My first-ever trip report, guys, so be gentle. And...how do I post pictures on this thing????

*Thursday, October 25, 2007*
​
Today was quite the “Train Day.” I’ve been planning this roughly week-long trip to New Orleans for months now, and was all set for a regular day in my office, followed by a 15-minute subway ride to Union Station to pick up Amtrak train #19, The Crescent. A 6:25pm departure meant a full work day, followed by a nice dining-car dinner. But work obligations popped up that put me in New York City for a 10 a.m. meeting; so I headed for NYC Thursday morning on the 7 a.m. Acela high-speed wonder, did the meeting, and wrapped it up in time to pick up the 1 p.m. at NY Penn back to Union Station.

Everything ran on time, or even just a teensy bit ahead of schedule, so I was in good shape. I even got back in time to grab my sport bag from my stored luggage at the Club Acela lounge in DC, head for my office, hit the gym in the basement for a half hour and then change out of my suit and into my traveling clothes. I got back to Union by 5:30, showered, shaved, unsuited and be-denimed. The bottom line: 452 rail miles before my trip even really began!

From there on, it was smooth sailing. I was in a Roomette for the ride, probably a bit cramped for a couple but wonderful for just little ole’ me. Phil, the sleeping car attendant, had it fully stocked, and the car was one of the Viewliners that have gone through a refurbishment program so most everything worked and worked well.
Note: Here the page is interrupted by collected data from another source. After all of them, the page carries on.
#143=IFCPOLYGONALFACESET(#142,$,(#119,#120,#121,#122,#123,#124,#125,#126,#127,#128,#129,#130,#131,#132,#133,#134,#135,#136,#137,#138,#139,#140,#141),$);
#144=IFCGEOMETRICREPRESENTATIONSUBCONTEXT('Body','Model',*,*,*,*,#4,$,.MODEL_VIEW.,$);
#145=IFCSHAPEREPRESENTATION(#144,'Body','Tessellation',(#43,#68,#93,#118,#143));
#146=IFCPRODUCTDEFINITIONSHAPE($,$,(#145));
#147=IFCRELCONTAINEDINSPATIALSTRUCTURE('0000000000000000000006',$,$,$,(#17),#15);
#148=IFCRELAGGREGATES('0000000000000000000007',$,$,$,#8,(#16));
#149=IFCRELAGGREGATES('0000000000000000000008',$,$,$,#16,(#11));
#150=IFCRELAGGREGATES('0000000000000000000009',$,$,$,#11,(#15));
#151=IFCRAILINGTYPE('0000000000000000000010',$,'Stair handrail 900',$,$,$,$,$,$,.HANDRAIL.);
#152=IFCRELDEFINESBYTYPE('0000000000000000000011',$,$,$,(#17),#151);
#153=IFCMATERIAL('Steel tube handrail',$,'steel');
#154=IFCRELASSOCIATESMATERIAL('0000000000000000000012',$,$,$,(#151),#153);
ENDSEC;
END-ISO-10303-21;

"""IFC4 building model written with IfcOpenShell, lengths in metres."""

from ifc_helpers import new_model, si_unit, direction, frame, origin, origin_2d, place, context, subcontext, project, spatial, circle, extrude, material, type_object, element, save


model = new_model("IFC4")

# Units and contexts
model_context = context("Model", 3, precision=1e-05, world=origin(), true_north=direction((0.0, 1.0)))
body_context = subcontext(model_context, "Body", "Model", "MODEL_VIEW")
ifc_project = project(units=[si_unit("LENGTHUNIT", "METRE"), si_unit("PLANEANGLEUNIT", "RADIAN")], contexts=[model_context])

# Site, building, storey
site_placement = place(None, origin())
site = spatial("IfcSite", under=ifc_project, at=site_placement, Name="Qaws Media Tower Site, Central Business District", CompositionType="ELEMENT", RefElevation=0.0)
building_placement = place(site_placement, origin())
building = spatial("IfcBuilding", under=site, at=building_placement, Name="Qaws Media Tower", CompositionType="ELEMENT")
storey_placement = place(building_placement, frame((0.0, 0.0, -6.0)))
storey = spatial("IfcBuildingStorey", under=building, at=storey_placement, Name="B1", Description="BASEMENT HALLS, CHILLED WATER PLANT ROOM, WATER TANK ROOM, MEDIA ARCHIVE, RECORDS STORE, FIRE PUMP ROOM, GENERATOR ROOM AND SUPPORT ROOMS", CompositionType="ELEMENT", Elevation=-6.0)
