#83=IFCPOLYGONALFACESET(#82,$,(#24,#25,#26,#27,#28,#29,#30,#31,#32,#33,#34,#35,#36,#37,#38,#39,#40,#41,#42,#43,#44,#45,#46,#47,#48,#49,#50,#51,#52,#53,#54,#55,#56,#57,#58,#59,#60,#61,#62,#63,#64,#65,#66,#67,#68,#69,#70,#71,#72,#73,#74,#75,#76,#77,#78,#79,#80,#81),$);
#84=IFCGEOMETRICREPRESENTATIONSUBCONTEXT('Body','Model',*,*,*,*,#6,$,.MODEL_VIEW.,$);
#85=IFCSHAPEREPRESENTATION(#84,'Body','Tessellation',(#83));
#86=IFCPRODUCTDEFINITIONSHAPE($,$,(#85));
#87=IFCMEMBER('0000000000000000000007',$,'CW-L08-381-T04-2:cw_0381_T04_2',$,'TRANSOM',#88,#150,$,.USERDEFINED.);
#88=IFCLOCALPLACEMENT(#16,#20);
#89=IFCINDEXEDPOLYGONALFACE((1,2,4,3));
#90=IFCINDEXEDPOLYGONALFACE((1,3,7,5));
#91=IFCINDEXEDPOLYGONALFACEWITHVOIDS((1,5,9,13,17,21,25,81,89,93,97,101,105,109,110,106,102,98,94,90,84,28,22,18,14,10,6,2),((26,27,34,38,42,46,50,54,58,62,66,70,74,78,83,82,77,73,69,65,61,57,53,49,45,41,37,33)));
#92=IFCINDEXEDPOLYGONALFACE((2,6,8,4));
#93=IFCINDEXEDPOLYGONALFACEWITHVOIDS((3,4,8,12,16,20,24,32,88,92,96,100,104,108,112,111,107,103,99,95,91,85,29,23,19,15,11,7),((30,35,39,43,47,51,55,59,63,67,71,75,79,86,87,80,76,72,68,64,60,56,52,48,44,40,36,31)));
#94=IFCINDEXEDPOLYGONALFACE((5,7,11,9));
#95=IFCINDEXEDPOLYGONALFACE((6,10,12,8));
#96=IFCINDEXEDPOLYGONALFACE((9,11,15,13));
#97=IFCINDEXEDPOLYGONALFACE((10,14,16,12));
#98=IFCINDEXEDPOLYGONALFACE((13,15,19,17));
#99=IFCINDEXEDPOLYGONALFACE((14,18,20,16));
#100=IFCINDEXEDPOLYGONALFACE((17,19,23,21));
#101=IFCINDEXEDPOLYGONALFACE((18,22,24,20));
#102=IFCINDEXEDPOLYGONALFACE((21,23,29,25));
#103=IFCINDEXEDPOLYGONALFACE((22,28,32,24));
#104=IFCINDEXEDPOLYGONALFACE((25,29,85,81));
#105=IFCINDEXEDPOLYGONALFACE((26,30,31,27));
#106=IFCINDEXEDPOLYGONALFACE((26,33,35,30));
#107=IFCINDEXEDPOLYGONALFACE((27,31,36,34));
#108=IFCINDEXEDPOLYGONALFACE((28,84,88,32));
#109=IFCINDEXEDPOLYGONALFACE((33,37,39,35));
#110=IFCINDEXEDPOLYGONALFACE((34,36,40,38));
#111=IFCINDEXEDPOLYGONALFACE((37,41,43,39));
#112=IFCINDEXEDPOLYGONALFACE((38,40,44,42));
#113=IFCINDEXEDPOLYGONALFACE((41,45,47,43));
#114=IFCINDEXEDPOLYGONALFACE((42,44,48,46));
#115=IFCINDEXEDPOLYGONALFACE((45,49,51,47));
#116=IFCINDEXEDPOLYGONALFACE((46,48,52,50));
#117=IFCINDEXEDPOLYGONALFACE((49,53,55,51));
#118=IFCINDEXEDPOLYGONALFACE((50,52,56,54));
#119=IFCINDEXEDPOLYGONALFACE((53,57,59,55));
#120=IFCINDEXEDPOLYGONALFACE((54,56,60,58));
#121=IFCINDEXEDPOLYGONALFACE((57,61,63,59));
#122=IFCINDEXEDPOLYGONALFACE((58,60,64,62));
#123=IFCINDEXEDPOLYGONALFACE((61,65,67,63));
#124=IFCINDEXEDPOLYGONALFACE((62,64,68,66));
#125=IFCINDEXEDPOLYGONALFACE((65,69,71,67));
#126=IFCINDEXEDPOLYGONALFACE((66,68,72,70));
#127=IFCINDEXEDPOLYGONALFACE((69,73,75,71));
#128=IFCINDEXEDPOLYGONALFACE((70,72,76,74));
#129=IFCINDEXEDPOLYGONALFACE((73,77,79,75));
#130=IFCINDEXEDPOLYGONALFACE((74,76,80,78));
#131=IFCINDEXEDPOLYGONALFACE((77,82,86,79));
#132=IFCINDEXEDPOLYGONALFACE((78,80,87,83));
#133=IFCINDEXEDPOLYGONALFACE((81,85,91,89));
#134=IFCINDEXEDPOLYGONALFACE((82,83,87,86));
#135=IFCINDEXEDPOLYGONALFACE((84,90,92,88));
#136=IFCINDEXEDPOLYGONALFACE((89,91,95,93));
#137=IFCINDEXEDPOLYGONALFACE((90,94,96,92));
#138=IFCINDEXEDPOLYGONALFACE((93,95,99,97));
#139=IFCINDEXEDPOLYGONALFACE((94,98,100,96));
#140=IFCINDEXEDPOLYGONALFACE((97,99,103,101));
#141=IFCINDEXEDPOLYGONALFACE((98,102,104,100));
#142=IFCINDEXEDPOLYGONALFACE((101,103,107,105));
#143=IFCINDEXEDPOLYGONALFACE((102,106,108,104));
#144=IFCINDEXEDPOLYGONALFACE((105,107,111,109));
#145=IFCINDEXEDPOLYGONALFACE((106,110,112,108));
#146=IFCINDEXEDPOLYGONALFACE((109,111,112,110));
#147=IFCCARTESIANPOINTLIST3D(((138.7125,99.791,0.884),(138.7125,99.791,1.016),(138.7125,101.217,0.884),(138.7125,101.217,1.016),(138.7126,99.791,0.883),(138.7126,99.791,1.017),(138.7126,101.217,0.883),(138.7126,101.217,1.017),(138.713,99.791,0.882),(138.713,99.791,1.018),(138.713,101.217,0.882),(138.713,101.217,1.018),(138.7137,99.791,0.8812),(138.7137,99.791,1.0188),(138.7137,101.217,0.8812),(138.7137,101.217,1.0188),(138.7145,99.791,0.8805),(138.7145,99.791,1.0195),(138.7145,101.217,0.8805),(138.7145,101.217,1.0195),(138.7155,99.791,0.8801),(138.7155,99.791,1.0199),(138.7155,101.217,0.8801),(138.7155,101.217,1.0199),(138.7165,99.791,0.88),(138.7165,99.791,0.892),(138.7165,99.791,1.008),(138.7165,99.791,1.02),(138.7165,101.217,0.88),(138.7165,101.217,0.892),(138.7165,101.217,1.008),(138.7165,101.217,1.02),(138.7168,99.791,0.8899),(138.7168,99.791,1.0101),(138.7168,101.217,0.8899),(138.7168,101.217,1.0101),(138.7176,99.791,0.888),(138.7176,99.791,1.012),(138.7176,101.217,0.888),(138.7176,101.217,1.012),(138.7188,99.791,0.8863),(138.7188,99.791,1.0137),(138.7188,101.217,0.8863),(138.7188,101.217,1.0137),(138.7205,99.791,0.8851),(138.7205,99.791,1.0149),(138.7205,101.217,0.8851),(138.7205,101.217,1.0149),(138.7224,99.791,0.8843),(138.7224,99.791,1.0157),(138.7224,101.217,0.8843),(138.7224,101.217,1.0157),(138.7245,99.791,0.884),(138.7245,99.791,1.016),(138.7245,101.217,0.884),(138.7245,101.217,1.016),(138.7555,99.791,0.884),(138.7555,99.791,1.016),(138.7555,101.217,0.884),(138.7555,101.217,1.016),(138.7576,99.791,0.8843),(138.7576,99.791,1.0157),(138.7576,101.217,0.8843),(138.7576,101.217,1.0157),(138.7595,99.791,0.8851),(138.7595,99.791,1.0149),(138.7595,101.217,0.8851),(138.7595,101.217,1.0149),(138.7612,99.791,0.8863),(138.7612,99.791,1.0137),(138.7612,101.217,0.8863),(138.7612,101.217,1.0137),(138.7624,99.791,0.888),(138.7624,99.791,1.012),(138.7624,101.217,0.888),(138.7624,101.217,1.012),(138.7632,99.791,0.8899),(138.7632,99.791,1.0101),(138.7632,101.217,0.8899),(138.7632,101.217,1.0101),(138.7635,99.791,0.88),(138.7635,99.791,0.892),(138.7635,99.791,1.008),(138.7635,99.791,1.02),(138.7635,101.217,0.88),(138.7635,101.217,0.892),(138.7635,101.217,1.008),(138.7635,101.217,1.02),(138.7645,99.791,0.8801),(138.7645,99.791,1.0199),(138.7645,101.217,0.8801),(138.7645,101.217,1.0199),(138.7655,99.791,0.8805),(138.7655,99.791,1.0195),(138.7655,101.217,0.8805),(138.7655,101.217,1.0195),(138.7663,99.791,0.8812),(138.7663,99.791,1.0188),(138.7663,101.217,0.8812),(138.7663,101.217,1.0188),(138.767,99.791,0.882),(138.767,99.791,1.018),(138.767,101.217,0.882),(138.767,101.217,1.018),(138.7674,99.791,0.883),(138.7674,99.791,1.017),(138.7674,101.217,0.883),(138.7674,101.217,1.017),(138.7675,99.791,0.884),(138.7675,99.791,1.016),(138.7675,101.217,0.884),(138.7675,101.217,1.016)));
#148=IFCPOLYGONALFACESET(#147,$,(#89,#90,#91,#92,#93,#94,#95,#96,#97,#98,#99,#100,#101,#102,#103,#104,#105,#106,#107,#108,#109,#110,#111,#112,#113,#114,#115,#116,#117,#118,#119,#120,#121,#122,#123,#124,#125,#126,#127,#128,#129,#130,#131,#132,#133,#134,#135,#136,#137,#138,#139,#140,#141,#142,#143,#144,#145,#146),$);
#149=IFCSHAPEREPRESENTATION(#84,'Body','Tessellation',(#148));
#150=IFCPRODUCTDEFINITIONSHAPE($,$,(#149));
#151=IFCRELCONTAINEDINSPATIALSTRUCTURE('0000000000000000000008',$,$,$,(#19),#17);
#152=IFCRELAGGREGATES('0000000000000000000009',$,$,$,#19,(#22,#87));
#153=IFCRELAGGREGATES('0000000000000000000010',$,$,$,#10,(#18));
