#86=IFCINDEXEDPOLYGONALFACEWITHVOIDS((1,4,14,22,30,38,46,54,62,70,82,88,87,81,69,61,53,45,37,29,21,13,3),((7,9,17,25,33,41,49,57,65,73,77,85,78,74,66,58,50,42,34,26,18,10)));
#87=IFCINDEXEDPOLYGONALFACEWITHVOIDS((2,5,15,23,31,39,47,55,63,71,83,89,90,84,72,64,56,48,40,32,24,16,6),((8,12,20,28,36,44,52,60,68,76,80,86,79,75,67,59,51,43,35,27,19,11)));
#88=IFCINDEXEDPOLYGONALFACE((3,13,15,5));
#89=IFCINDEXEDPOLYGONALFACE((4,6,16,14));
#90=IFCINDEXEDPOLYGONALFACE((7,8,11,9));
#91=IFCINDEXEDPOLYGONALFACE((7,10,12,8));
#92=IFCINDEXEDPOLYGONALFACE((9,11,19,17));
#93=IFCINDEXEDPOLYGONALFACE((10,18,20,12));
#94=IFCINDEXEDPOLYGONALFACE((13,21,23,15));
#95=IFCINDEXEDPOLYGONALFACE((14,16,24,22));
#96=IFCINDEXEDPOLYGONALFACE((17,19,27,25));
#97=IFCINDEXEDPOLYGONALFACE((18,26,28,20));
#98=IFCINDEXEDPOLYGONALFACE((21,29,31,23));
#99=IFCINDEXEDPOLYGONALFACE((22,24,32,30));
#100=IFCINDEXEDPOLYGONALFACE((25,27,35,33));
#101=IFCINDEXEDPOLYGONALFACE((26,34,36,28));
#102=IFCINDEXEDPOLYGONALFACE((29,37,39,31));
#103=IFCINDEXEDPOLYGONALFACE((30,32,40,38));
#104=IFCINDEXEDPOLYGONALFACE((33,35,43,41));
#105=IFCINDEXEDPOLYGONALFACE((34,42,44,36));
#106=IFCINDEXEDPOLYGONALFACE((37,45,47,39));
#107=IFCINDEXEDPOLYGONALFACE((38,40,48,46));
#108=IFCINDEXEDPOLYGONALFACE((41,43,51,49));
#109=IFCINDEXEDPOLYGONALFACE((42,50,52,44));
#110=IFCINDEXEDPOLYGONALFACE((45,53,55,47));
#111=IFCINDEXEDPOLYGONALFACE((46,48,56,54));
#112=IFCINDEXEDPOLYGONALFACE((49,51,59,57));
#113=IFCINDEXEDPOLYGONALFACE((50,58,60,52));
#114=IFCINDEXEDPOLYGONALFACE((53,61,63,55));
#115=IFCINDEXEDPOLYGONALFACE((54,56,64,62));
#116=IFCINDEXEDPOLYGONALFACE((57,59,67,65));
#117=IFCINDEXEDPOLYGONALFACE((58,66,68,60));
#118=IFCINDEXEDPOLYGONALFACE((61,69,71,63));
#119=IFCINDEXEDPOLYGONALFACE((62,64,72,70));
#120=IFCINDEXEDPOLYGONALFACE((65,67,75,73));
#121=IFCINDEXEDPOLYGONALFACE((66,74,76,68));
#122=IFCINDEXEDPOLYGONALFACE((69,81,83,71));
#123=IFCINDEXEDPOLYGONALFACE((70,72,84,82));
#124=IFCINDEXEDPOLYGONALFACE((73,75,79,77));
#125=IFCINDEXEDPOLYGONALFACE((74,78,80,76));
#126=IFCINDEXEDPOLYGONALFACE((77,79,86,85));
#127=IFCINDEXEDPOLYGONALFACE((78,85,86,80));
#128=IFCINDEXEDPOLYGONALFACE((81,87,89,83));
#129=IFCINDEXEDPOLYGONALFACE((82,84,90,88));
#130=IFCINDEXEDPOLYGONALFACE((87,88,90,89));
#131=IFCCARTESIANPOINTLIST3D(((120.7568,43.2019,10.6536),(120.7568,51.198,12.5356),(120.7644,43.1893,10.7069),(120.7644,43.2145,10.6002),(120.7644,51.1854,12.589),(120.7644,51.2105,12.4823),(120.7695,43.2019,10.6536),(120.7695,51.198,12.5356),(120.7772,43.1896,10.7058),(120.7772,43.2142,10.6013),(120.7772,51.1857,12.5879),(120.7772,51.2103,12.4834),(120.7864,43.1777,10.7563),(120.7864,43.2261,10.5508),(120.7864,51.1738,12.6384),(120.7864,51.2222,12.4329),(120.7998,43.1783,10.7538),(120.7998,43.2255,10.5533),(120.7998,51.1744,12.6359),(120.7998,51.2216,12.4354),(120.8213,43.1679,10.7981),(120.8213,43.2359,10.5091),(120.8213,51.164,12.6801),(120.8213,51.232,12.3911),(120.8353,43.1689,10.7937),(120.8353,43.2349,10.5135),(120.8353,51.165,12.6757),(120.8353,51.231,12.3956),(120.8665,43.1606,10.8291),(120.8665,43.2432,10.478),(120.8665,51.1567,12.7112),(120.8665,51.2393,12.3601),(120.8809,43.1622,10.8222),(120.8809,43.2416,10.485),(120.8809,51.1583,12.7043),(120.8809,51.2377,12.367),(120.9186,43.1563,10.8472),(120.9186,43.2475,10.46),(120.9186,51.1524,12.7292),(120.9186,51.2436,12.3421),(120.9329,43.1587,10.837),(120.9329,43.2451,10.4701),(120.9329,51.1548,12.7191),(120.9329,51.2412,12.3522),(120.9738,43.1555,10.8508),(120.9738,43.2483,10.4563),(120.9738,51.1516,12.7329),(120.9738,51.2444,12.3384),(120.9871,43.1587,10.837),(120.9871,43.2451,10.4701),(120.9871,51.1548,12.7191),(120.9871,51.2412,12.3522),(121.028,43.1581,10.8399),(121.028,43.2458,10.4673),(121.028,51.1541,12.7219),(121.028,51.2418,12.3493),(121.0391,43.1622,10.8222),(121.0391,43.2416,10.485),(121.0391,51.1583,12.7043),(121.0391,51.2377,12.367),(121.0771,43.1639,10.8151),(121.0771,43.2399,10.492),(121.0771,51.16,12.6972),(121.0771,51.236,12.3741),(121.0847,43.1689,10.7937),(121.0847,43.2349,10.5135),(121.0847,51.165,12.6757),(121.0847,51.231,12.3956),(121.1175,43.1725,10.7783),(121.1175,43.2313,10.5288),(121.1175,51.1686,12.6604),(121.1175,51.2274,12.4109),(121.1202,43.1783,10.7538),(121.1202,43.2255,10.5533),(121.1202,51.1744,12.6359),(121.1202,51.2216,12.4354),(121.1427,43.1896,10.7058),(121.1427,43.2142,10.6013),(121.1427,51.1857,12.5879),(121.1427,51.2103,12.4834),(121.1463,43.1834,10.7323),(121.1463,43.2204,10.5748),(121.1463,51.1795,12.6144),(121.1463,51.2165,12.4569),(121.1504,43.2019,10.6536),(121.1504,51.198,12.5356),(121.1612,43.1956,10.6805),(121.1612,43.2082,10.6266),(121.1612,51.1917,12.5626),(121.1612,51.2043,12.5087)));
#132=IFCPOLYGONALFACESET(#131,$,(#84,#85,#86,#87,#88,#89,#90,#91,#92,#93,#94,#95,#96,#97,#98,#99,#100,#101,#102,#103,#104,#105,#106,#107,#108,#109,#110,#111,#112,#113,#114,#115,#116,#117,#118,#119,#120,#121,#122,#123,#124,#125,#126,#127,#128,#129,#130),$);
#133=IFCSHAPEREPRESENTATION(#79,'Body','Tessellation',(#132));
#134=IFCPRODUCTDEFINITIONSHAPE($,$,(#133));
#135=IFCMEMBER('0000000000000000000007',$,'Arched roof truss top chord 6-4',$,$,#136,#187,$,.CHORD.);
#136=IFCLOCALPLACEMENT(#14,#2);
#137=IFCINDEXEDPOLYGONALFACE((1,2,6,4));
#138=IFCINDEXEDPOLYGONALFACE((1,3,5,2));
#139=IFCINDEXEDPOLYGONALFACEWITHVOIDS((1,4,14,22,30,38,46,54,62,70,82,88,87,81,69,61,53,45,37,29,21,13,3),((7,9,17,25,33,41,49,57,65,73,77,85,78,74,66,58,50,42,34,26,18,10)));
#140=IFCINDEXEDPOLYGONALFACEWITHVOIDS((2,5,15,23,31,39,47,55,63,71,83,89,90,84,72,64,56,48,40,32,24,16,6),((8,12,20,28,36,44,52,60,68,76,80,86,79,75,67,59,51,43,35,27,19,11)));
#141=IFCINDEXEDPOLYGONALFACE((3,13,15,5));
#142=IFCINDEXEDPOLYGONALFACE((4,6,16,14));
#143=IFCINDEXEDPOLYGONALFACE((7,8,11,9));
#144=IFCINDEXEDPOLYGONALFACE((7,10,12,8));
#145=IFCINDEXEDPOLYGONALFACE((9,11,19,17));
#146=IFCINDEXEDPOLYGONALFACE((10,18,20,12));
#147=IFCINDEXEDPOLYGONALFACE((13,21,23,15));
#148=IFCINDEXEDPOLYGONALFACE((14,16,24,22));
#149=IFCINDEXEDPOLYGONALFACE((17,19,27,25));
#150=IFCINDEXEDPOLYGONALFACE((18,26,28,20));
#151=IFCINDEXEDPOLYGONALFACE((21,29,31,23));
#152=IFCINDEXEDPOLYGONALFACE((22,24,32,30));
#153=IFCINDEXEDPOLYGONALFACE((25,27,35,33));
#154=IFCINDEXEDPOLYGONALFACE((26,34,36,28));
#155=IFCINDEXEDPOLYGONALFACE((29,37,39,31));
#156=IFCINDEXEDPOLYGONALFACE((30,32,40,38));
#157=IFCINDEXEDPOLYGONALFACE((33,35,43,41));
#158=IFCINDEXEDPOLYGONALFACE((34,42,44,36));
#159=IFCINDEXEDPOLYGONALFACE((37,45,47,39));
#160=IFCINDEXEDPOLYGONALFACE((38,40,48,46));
No sooner had we left Union Station when they called us “Sleepers” up for dinner. By the time we emerged from the tunnel under the Capitol past L’Enfant Plaza I was seated with two new friends. That’s what train travel is all about. 

*Friday, October 26, 2007*
​
New Orleans has a reputation as a surreal place, and our approach into the Crescent City aboard #19 didn’t disappoint. Evening fell just as we crossed the six-mile causeway across the now-infamous Lake Pontchartrain, a full moon rising in challenge across the water from a waning lukewarm sun. By the time we reached the city’s outskirts, the darkness was complete.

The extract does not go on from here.